Por último, caberá ao curador uma função de protecção do doente mental. Nesta ordem de ideias, sempre que venha ao conhecimento do curador que certa pessoa tira ou pretende vir a tirar vantagens da situação mental do doente, deverá, além de comunicar o facto ao Ministério Público, se foi caso disso comunicar oficialmente à pessoa em causa o estado mental do doente. Com isso preencher-se-á uma condição de que o artigo 335.º do Código Civil faz depender a possibilidade de anulação futura de actos e contratos celebrados por demente não interdito - ser o estado de demência conhecido da outra parte. Se o recipiente da comunicação persistir em praticar o acto e se dele resultar grave prejuízo patrimonial para o demente, atribui-se ao curador legitimidade para, em nome do doente, propor a acção de anulação.
Por último, a função de esclarecimento e concelho traduz-se (como a designação indica) no poder-dever de esclarecer e aconselhar todos aqueles a quem certo caso de doença mental levanta problemas de carácter jurídico patrimonial ou pessoal (e esperamos mesmo que problemas de carácter moral se aqueles que forem investidos nestes cargos de curador cuja criação a Câmara ora propõe entenderem a sua função como verdadeiramente um múnus público).
Restringe-se porém a legitimidade para pedir esclarecimento ou concelho àqueles que não possam recorrer a outro consultor as pessoas cujos meios habilitem a recorrer a um advogado, ou aqueles que se possam dirigir a um consultor jurídico qualquer não parece justo que tomem o tempo do curador como os desamparados e pobres para quem ele se pretende seja o conselheiro natural.
Assim se pretende que este órgão se integre por conseguinte na rede de para-assistência (ou peri-assistência) social que deve acompanhar e rodear. Toda a assistência psico ou somático-sanitária.

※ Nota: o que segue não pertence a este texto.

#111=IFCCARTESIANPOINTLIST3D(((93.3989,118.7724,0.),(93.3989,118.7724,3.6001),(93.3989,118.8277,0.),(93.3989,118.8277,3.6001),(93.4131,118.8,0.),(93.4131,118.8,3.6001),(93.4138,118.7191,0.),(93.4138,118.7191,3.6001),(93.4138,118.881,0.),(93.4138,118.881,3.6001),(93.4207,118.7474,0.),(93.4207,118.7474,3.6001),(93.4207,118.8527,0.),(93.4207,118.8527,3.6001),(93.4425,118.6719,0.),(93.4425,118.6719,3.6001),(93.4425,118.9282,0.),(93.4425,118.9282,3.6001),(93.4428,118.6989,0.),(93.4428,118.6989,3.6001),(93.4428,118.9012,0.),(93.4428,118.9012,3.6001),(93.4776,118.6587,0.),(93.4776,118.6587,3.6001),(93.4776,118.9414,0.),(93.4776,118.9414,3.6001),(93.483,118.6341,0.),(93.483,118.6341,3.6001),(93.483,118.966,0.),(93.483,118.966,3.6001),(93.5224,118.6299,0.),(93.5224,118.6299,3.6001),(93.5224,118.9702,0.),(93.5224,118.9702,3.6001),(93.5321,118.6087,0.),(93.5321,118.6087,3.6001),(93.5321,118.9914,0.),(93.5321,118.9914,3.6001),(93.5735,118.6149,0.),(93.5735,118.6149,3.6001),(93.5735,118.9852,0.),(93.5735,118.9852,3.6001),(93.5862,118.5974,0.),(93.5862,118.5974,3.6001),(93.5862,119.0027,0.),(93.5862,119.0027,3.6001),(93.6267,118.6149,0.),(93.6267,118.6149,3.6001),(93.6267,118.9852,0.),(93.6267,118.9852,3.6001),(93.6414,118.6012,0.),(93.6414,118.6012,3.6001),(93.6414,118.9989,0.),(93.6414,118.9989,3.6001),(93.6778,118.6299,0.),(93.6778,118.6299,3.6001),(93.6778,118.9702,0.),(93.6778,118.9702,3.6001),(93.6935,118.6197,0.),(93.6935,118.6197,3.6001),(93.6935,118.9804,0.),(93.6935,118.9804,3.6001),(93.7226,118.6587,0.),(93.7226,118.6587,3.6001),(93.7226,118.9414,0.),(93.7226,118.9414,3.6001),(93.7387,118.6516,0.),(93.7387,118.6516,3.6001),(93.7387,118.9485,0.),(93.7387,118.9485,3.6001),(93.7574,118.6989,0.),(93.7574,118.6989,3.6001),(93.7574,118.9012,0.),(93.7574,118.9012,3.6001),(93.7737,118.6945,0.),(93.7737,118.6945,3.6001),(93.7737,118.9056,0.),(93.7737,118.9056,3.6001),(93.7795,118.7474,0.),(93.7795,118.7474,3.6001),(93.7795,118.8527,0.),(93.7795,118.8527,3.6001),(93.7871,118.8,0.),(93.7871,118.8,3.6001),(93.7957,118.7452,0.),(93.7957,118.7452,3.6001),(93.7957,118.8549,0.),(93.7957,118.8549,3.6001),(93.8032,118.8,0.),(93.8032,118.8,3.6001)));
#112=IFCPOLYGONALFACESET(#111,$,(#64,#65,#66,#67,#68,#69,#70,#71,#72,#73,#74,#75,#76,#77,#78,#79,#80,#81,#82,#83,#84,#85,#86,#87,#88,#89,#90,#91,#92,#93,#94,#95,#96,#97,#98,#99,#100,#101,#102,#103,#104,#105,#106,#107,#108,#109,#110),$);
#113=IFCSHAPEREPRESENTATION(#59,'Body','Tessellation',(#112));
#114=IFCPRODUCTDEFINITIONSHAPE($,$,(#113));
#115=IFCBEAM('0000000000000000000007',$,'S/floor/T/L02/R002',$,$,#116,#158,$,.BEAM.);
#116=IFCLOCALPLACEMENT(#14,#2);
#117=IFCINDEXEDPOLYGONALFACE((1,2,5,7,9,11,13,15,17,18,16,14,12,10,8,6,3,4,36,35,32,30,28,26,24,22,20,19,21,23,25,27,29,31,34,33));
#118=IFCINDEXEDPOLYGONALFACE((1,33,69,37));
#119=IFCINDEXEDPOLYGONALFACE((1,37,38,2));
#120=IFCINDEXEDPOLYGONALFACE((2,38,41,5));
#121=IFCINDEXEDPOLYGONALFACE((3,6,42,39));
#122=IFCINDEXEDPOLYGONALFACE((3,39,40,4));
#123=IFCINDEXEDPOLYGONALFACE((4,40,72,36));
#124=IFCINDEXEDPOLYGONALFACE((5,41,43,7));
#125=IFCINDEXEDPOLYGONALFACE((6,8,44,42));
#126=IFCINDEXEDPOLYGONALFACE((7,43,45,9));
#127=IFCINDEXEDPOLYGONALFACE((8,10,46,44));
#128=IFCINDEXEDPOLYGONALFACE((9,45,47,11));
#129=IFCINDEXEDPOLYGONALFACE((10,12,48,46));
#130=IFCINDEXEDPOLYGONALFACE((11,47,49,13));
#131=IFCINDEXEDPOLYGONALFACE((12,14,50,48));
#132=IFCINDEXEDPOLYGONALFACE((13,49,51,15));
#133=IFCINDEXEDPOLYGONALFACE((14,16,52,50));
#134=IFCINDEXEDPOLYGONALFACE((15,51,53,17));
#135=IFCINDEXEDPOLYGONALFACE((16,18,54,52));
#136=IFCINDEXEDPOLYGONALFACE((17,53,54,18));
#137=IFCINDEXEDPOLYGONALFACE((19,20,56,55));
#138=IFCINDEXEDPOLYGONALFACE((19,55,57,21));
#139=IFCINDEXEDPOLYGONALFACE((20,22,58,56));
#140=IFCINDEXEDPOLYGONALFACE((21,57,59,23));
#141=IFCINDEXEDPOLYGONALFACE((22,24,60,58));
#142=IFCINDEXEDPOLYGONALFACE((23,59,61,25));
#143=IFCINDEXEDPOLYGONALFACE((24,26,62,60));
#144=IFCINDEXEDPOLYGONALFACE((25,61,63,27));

Convém ainda registar que o curador pode, se o considerar conveniente, delegar as suas funções num parente próximo do doente mental desde que este se apresente como idóneo, poderia então exigir-lhe a prestação de caução (ou dispensá-la, a seu critério) e em qualquer dos casos esta delegação será sempre revogável.
Em regulamento se disciplinarão os aspectos menos importantes, aí se estabelecerão os quadros do órgão ora citado permitindo-se designadamente ao curador ter delegados sob as suas ordens nos estabelecimentos mais importantes. Por isso na base XII n.º 1, proposta pela Câmara se fala das funções de curadoria e não do curador.

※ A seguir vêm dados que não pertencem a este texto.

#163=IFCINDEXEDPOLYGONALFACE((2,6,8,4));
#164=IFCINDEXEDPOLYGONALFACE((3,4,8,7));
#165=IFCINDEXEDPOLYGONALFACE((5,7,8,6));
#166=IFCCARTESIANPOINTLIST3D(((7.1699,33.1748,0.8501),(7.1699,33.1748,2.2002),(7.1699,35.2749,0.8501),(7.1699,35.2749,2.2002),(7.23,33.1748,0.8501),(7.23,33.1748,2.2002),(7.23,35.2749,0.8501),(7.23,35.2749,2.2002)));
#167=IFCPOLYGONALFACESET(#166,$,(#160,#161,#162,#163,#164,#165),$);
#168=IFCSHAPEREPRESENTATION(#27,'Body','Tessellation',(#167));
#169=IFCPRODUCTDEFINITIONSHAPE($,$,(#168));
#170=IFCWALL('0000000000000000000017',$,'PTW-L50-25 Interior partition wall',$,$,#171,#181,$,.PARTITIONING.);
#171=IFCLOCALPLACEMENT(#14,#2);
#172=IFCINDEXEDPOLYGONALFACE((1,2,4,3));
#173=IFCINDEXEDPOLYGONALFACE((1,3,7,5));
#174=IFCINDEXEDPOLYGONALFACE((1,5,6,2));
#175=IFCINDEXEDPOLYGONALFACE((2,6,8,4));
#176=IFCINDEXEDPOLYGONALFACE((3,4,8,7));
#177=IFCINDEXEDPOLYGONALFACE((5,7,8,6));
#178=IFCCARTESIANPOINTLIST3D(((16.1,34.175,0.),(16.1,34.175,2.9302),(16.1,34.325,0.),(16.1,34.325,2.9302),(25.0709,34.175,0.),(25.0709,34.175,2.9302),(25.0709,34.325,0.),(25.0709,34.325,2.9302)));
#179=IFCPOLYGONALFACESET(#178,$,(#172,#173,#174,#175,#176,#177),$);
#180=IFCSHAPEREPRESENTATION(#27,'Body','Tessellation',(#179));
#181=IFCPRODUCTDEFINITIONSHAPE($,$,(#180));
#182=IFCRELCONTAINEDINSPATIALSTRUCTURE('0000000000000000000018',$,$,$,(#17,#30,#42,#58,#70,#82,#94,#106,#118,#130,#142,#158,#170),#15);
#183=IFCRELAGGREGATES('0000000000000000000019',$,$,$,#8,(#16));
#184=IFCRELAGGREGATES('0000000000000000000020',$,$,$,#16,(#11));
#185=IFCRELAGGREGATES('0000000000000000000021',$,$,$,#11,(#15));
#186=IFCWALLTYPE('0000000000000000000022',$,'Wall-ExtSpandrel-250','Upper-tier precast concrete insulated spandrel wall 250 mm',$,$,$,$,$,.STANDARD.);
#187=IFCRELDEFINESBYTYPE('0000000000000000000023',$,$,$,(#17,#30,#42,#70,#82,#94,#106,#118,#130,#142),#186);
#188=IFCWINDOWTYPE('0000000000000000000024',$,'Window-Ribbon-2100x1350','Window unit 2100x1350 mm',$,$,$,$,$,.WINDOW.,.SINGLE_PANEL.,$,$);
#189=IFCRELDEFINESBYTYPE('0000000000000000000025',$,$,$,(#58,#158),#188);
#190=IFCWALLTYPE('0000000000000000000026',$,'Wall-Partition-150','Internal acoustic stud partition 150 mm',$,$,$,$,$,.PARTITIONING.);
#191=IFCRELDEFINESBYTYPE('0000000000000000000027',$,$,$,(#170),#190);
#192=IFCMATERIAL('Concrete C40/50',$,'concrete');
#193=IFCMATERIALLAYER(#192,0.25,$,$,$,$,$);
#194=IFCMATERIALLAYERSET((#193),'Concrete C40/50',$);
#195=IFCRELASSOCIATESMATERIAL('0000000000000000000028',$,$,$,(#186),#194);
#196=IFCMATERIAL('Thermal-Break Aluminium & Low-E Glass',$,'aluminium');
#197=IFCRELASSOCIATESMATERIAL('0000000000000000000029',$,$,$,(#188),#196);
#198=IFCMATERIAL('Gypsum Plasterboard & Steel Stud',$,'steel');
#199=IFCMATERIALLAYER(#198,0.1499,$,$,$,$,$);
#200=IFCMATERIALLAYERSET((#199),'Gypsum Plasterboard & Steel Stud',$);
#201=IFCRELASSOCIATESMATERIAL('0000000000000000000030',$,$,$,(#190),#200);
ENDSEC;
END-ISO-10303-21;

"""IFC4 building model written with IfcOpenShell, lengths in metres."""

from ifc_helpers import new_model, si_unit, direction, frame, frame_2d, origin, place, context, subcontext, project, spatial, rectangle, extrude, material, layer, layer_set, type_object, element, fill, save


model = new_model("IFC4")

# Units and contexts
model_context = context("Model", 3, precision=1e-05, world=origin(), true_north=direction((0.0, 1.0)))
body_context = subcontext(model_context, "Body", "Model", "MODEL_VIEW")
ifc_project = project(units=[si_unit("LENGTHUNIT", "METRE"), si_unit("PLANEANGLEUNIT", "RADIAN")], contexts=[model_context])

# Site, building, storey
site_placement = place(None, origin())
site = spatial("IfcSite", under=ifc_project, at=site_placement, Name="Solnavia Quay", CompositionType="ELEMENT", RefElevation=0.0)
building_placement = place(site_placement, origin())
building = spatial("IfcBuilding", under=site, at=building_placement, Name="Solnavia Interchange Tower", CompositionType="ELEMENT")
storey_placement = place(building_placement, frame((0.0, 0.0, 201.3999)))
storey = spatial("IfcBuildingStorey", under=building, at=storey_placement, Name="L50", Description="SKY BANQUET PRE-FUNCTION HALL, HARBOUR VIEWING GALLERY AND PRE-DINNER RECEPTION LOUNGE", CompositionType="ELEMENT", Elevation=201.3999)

Esta é a posição que a Câmara entende dever tomar quanto ao segundo dos problemas jurídicos fundamentais eliminados, o da gestão do património dos doentes mentais não feridos de incapacidade jurídica.

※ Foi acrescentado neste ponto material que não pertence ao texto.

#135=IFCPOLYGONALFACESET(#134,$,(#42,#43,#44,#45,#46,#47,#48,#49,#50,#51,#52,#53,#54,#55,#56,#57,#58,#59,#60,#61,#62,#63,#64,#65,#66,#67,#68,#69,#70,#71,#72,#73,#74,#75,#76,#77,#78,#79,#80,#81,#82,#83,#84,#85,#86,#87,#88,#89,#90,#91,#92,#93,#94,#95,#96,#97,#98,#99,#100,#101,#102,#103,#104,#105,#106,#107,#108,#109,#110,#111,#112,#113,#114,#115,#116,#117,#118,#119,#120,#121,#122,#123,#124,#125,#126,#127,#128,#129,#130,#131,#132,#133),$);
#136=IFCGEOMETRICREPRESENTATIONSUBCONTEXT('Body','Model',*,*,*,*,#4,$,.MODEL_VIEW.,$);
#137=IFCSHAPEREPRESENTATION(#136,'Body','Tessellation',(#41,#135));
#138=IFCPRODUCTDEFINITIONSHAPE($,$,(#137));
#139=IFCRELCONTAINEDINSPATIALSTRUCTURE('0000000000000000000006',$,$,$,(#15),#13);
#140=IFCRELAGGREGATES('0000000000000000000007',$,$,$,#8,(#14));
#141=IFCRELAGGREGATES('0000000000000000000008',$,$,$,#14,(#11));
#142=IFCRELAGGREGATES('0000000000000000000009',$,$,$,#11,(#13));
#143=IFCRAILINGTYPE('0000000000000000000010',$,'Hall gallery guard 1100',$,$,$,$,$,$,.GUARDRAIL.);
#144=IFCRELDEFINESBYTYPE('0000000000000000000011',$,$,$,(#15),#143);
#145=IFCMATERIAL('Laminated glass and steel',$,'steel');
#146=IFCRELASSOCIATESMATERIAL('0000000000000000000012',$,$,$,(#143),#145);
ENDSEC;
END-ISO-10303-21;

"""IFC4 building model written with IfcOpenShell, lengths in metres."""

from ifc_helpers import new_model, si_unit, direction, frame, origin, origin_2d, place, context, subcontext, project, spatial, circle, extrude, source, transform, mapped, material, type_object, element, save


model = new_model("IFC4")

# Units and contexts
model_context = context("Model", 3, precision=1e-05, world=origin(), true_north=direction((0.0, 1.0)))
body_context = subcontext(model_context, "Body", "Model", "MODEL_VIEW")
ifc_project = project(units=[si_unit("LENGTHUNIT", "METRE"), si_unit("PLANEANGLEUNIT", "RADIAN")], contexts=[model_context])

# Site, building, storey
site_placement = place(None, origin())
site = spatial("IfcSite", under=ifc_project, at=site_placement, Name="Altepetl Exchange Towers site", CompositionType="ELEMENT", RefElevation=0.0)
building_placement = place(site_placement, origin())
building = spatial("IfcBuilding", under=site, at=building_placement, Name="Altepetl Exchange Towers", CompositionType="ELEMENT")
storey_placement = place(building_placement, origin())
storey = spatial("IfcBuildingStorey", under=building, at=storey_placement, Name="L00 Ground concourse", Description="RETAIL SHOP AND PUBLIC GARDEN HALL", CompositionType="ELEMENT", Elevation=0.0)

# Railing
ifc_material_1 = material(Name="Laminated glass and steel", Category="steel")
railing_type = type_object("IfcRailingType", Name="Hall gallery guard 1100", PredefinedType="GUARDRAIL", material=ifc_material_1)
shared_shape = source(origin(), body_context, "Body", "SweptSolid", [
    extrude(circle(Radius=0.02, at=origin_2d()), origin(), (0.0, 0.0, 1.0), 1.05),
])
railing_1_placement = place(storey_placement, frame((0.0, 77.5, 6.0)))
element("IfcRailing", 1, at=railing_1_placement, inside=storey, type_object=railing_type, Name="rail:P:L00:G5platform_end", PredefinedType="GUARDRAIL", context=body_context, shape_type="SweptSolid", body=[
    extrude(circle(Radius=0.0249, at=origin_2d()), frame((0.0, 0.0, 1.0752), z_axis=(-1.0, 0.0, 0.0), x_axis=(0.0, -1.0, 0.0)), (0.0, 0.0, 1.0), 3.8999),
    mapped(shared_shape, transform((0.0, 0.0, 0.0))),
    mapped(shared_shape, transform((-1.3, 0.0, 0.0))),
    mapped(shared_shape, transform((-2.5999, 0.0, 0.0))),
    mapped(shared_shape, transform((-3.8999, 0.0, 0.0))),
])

29. Passamos assim ao terceiro e último dos referidos problemas, que pelo seu carácter fundamental serão tratados na apreciação na generalidade - o da protecção da liberdade individual em face da possibilidade de aplicação, contra vontade do paciente, de medidas de tratamento psiquiátrico.

30. A protecção da liberdade das pessoas contra a aplicação irregular de medidas de assistência psiquiátrica consagra o projecto uma série de disposições que pretendem, segundo diz o relatório (n.º S), «reforçar o regime de defesa dos direitos individuais, particularmente delicada no caso dos internados em regime fechado».
Estas disposições são bastante particularizadas e incidem sobre diversos pontos. Regulam antes de mais com certo pormenor as formalidades de admissão, exigindo a sua justificação. E consagram o direito, para qualquer pessoa ou entidade de requerer que o tribunal do comarca conheça da legalidade da admissão em regime fechado, o direito para o tribunal, de ordenar a alta de hospitalizados (podendo fazê-lo sobre recurso interposto da recusa do director do estabelecimento onde a pessoa em causa está internada), o direito para o hospitalizado de manter contacto com o exterior e o dever, para o procurador da República, de zelar pela salvaguarda da liberdade individual nos casos de hospitalização.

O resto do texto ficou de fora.